A garrison of mohawks and begrimed skinny
jeans assume formation, steam my shirt with
their putrid sweat. Electrified frustration is as
imminent as the coming storm. Fans shove
ever closer to the stage, test the tensile strength
of claustrophobia. The guitar rips the fabric of
time, makes a ravishing, mystical sound. With
continuous gray reverberation, the ground
disappears. Only ripples and waves graft me
to Earth now. The lead, a hypnotist with a
mullet, clutches the microphone and convulses.

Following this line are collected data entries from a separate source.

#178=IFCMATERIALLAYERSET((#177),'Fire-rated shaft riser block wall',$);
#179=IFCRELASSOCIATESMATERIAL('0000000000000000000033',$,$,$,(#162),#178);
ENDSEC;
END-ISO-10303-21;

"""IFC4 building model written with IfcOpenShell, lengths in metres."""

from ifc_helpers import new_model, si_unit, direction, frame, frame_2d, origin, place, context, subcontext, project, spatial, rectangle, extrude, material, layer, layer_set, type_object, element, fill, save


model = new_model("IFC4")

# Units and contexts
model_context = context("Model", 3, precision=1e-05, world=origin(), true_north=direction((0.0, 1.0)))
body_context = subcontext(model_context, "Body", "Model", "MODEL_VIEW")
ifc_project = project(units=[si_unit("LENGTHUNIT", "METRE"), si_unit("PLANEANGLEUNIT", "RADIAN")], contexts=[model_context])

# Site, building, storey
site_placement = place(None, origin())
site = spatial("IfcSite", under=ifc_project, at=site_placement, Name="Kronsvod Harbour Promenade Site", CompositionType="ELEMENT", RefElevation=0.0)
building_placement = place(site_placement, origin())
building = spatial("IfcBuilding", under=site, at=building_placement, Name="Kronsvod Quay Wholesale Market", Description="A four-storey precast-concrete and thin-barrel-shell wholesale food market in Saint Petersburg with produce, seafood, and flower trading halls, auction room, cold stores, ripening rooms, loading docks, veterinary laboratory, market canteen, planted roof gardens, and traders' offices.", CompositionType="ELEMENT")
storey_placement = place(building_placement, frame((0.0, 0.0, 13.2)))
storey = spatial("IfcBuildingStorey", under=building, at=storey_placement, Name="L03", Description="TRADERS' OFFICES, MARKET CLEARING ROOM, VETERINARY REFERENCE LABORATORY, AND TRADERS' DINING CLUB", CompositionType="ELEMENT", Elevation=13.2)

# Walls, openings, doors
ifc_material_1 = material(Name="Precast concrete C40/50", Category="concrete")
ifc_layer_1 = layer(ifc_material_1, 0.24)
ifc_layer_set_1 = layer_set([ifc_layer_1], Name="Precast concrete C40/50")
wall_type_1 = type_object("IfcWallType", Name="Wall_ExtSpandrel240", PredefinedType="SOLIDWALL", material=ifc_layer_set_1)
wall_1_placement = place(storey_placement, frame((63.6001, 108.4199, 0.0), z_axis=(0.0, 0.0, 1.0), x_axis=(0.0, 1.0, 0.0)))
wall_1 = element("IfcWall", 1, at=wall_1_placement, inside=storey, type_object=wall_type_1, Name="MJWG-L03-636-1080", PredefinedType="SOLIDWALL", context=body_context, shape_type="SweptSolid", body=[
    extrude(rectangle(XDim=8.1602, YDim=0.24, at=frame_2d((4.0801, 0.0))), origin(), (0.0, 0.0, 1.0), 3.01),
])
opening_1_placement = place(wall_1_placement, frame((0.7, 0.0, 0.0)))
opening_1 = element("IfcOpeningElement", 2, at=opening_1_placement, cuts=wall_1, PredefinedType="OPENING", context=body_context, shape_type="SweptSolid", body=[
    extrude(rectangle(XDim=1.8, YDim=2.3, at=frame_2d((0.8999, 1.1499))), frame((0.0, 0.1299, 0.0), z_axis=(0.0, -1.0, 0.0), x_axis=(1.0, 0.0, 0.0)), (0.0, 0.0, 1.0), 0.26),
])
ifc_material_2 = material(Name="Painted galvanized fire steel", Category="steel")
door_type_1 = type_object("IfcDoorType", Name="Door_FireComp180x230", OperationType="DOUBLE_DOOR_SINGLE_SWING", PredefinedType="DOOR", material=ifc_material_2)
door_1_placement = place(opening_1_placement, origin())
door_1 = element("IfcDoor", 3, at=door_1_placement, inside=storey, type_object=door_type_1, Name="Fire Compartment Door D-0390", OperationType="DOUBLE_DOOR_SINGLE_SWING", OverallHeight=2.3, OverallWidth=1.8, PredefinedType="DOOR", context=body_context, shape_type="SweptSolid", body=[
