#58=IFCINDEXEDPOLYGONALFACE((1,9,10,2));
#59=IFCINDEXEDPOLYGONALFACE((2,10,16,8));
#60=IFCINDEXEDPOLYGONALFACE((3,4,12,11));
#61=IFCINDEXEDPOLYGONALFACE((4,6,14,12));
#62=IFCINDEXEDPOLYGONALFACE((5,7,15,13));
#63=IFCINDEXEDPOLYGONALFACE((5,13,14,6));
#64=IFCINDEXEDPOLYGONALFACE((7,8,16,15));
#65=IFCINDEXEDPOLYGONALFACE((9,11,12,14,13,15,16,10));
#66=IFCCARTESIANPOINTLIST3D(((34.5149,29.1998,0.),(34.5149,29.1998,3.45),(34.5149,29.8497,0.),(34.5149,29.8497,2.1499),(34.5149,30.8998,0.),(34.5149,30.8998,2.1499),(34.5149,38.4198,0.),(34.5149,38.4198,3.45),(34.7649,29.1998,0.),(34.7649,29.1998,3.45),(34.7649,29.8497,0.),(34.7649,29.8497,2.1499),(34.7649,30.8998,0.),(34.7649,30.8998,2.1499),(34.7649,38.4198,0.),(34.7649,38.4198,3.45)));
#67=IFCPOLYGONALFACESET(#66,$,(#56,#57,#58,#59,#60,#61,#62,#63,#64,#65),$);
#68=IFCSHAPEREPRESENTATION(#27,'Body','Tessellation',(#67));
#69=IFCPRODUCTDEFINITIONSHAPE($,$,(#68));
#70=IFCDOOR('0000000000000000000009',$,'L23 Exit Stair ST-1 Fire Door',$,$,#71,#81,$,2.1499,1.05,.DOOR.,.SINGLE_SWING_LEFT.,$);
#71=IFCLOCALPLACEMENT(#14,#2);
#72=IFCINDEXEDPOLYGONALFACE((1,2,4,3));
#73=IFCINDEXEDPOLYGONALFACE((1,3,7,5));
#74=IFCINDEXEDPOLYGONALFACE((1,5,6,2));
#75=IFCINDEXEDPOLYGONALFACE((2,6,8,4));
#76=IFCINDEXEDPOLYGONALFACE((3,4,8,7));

He belts the crowd with a sonic hook, entices
us. Bodies move like fire, syncopated, flailing,
wavering. Some fly overhead with the birds and
the beer cans. The guy next to me takes a boot
to the face, caroms into some post-hardcore
snobs beside him. My blood surges. It’s now
or never. One last drag from my cigarette, and
it’s crushed under my Converse. I seize a grizzly
of a guy behind me mid-thrash. “Can you help me
get up?” To my surprise, he mouths, “Sure.”
Before I have time to change my mind, he hoists
me into the sky. I reach for the dynamic hand
of Thor, take my throne among the cumulonimbus.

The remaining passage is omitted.